目を瞑った俺は、痛みが来ないのに不思議に思い。
目を開けると、目の前のシャルは俺を見てはいなかった。
見ている方に、目を向けると。
剣を、持つユカリさんがいた!
「間に合いましたね。精霊さんのお掛けです」
「ユカリさん?」
「置いて行くなんて、後でお説教です!皆、来てくれましたよ」
ふと、周りを見ると。
ダールの所に、ガイとマークが。
魔物達のもとには、ヒヨとシロとミミが。
森側では、チナ、チヨ、チカ、マル、ダンが。
ユカリさんの後ろから、スピードが突っ込んで来て。
シャルとの間に立つと。
「許さない!」
そう言って、シャルを睨みつけている。
「どうして?」
「間に合ったの」
「この剣、抜けない」
「ポーションを使って」
そんな声が、耳元で聞こえた。
泣きそうになる。
どうやら、精霊さんが連れて来てくれたようだ。
戦闘が嫌で、居なくなったとばかり思っていたが。
「ありがとう。
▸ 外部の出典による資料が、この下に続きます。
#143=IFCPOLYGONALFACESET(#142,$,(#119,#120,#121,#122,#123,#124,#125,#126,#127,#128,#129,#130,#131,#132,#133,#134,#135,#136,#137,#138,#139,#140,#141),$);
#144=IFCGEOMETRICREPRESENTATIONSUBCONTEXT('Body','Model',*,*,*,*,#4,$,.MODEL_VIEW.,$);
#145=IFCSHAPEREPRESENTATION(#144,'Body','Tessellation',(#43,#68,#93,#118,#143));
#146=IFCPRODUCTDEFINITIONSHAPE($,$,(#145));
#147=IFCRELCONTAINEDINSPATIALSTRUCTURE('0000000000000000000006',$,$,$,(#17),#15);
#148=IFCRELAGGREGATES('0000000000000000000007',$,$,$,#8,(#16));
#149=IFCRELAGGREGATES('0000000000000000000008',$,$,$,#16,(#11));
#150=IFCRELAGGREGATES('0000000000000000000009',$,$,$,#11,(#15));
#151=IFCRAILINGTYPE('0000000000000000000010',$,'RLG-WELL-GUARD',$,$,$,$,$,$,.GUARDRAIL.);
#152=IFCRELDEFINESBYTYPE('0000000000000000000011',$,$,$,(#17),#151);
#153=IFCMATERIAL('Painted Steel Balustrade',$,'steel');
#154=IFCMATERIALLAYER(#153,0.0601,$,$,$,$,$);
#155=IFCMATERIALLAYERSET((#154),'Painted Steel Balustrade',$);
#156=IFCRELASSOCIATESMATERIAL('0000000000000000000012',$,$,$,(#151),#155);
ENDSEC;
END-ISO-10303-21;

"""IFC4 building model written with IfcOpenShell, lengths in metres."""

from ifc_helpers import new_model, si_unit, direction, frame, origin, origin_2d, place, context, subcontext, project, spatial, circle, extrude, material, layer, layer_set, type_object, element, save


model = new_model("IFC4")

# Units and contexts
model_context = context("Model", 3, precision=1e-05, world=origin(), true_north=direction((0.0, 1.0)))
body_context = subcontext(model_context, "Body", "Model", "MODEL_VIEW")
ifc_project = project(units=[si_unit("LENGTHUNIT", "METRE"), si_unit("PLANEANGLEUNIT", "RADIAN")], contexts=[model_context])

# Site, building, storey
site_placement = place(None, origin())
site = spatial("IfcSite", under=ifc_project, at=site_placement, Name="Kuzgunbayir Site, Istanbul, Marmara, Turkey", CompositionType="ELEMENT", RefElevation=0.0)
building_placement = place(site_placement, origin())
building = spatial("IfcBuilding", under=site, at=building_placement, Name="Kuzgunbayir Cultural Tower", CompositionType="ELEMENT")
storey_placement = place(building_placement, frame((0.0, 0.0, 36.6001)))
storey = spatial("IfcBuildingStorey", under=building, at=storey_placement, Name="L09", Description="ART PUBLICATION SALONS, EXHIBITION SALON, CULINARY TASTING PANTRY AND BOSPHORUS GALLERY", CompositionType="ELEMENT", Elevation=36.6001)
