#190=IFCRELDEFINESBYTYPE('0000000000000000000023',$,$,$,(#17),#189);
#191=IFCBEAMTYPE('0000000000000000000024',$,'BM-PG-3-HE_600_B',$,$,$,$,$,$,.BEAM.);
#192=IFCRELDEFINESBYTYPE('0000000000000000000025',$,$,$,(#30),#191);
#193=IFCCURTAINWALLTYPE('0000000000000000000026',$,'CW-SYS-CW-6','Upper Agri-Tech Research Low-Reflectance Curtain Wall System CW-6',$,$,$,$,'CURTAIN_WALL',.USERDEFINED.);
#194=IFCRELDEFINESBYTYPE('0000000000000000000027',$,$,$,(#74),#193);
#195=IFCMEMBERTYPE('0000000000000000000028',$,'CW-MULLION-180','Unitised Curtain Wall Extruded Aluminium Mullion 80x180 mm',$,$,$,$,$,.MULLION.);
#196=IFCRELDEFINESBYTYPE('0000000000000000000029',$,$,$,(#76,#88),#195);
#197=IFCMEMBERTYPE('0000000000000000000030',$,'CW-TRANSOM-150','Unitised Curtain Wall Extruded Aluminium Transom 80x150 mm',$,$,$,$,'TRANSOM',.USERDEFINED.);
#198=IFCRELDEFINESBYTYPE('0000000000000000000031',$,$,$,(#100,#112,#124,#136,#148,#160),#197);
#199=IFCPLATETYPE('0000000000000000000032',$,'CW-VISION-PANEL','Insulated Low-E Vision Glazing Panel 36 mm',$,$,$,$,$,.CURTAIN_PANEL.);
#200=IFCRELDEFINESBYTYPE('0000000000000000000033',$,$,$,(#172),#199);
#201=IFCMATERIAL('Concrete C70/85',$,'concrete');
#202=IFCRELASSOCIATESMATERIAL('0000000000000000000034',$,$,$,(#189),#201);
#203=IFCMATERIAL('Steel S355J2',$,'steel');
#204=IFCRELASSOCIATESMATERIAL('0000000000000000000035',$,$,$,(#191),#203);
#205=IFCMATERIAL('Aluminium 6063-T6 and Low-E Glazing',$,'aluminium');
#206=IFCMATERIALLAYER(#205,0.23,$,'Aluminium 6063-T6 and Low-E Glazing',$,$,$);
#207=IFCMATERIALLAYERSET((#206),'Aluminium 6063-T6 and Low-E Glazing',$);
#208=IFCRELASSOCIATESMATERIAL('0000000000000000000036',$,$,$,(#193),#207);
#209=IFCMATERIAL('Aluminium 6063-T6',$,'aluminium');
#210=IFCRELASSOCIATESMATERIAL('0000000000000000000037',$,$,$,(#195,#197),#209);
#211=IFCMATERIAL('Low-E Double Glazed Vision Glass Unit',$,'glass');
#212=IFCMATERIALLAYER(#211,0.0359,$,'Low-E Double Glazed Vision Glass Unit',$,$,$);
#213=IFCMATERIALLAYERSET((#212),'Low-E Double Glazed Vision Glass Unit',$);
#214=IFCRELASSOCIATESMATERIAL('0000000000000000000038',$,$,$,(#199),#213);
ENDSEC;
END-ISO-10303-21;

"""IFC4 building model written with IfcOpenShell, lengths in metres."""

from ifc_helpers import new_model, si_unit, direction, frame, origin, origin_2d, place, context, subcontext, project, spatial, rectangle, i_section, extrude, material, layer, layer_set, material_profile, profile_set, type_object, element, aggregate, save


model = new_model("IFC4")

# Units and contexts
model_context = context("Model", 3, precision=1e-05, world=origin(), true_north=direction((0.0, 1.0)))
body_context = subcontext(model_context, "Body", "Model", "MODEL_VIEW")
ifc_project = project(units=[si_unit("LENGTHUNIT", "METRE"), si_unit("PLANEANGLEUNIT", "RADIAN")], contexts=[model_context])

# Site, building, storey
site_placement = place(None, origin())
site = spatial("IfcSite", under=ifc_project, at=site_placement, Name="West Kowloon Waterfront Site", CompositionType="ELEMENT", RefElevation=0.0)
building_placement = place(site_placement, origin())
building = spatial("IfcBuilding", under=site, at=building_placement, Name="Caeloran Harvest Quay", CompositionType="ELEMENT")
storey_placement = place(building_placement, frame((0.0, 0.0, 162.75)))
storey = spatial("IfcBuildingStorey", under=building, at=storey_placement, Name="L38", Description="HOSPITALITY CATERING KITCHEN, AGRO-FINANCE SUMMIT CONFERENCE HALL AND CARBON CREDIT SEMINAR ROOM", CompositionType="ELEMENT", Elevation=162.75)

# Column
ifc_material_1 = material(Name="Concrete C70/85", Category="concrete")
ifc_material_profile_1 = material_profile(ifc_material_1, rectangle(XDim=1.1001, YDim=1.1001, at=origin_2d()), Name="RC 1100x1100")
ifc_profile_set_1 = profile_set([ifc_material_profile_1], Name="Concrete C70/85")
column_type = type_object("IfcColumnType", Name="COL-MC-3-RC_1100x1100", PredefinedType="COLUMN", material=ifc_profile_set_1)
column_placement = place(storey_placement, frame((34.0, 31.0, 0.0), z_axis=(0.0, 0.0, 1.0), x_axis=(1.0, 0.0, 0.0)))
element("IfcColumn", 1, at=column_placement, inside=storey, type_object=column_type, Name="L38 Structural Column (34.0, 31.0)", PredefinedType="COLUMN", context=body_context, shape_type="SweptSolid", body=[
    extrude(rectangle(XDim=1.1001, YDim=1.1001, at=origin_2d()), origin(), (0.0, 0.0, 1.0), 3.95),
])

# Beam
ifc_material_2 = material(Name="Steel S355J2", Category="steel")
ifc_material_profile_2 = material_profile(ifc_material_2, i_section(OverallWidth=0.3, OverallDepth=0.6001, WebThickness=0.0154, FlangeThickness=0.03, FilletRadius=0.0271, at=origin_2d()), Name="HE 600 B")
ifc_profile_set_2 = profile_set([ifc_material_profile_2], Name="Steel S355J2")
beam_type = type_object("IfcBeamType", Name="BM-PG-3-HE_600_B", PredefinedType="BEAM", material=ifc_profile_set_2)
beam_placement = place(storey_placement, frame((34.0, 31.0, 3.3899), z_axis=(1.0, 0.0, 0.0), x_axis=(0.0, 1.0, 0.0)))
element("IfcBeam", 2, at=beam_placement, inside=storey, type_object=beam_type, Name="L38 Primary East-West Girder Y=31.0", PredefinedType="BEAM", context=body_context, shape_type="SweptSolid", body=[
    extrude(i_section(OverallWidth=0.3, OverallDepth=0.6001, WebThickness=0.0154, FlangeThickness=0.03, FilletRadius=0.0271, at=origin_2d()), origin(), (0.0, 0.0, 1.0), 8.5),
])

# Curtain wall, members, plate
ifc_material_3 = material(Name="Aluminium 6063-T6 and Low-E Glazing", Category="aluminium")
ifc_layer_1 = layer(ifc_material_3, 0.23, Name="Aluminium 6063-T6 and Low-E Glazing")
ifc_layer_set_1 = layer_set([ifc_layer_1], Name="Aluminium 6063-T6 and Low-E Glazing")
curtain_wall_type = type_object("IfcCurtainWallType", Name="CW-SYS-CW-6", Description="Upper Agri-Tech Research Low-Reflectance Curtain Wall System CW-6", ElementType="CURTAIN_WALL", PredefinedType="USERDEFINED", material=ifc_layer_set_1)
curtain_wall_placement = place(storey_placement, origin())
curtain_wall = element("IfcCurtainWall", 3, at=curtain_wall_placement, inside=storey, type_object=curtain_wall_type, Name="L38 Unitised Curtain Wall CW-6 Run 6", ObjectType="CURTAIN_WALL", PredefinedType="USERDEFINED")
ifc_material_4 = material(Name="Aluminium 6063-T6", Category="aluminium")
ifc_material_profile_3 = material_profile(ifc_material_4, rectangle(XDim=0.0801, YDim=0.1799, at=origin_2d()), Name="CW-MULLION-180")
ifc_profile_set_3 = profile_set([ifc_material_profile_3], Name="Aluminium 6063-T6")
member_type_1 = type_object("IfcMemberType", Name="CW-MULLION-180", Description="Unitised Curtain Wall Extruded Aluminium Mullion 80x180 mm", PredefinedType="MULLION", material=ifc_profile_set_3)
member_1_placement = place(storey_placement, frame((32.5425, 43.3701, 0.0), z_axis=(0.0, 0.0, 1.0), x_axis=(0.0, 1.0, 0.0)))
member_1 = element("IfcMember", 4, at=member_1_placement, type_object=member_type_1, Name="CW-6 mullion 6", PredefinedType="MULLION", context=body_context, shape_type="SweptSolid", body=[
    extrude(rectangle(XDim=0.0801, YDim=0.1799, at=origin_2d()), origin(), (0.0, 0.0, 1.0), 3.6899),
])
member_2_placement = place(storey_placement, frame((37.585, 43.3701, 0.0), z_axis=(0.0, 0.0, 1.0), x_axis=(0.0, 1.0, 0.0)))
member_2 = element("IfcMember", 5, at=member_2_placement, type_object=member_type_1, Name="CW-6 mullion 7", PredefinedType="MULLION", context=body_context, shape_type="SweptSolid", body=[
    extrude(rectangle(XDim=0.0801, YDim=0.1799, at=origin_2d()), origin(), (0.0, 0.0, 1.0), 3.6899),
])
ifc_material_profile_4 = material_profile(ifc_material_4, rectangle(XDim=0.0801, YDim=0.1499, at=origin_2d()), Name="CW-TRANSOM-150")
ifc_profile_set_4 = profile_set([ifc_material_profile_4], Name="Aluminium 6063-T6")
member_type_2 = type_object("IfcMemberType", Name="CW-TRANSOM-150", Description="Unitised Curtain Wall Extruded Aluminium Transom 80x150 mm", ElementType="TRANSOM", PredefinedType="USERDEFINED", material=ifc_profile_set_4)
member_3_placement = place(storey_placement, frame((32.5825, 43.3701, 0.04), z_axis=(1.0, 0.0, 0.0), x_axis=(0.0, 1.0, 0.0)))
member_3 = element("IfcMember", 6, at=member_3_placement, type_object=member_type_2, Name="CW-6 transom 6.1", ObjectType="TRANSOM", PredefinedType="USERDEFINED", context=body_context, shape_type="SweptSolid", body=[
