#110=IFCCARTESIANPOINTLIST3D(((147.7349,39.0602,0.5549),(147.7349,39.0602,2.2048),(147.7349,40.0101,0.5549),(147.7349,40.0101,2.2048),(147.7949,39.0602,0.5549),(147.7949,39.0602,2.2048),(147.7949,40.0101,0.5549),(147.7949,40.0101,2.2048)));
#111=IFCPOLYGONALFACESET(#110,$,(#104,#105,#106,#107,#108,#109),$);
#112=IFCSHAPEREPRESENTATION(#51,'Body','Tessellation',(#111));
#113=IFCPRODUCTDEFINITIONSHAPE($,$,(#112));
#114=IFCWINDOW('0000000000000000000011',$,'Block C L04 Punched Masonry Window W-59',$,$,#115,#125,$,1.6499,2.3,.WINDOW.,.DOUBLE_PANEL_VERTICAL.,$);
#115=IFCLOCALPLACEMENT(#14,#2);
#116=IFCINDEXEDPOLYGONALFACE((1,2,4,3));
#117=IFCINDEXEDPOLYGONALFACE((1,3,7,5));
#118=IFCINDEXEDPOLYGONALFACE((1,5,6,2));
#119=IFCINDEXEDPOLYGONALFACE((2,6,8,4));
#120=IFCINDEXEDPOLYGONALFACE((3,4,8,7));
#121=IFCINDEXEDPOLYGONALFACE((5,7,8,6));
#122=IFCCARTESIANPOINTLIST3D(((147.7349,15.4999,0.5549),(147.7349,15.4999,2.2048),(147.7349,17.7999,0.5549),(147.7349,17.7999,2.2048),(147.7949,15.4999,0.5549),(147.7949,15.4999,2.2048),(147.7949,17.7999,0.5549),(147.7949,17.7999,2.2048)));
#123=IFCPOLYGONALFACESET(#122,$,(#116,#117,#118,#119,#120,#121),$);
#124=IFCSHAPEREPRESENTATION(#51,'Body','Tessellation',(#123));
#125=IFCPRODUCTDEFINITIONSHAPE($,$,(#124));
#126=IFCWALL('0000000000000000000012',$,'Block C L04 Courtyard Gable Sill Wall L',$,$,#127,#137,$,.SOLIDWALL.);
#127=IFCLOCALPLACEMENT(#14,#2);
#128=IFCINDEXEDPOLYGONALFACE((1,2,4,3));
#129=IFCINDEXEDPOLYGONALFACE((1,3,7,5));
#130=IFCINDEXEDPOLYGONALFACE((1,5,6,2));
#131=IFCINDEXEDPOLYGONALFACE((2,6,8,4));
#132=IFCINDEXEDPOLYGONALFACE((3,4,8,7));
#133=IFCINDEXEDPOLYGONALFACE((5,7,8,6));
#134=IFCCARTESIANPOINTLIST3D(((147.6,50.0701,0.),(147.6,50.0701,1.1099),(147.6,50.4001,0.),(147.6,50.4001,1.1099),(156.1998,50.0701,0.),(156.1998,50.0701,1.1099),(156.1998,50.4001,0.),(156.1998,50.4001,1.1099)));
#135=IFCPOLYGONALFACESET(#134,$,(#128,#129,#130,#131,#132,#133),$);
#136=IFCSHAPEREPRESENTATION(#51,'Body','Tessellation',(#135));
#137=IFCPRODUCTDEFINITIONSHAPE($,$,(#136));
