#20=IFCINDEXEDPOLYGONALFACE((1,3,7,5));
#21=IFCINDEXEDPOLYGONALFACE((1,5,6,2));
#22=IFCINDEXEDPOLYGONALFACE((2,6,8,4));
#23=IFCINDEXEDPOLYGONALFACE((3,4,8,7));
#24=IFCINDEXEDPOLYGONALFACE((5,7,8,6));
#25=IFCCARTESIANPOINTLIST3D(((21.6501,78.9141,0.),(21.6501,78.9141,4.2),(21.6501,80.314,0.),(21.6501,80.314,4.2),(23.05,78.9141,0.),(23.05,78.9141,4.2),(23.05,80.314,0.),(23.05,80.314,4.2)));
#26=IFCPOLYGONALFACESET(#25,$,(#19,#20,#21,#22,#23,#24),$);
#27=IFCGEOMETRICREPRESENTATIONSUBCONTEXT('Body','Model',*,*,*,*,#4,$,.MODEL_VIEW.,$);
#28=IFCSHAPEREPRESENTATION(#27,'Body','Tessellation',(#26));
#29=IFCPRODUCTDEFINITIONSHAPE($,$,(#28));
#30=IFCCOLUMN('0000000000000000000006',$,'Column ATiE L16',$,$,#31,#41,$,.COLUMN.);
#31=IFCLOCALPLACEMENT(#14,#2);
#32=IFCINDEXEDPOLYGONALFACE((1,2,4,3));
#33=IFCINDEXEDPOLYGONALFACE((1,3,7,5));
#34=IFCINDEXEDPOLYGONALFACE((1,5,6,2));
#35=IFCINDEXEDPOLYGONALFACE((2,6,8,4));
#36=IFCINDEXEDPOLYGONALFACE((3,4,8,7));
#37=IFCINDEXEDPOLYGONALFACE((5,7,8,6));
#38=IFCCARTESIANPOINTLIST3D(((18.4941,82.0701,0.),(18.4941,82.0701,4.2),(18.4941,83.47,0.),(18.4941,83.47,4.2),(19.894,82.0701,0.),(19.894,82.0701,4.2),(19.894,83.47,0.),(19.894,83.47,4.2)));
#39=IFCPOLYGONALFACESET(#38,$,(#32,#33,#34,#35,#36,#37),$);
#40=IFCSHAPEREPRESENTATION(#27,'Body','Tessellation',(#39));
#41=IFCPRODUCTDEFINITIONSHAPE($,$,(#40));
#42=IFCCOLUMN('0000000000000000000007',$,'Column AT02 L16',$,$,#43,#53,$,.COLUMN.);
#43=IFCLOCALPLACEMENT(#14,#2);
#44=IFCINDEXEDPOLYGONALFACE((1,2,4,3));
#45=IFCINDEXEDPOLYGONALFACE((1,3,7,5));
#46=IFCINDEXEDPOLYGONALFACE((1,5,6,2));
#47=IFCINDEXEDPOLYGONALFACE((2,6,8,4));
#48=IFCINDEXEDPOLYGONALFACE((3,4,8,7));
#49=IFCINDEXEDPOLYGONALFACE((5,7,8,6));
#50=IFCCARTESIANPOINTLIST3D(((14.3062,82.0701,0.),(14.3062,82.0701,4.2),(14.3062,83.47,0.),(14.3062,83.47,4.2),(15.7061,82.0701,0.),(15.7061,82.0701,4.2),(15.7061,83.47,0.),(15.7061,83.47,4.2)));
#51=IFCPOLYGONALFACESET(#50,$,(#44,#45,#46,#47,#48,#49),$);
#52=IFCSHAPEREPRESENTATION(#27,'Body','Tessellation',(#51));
皆」
ツーと、気付かぬうちに。
涙を、流していた。
時は遡り、精霊達は。
叫び声を聞いて、動き出したユウイチを見て。
戦闘になる事が、予想され。
遠くから、人族が迫っているのにも気付き。
応援を呼びに、村に戻った。
寝ている皆の、耳を引っ張り。
入り口に、誘導する。
それを、何度も繰り返すうちに。
ユウイチの存在が、森の外側にある事に。
ユカリが気づくと。
「ユウイチさんが、森の外に!起こされたのは、危機的状況なのでは?」
「アーリアどうする?残るか、行くか?多分戦闘に、なっている!俺は、残る事を進めるが?」
「ガトムさん。行きましょう。もしかしたら、公爵様もいるかも知れません。いれば、私が何とかします」
「オイ、お前ら!覚悟を決めろ!ユウイチに、恩を返す時だ!」
村人?達は、ユウイチの元に向かう決断をした。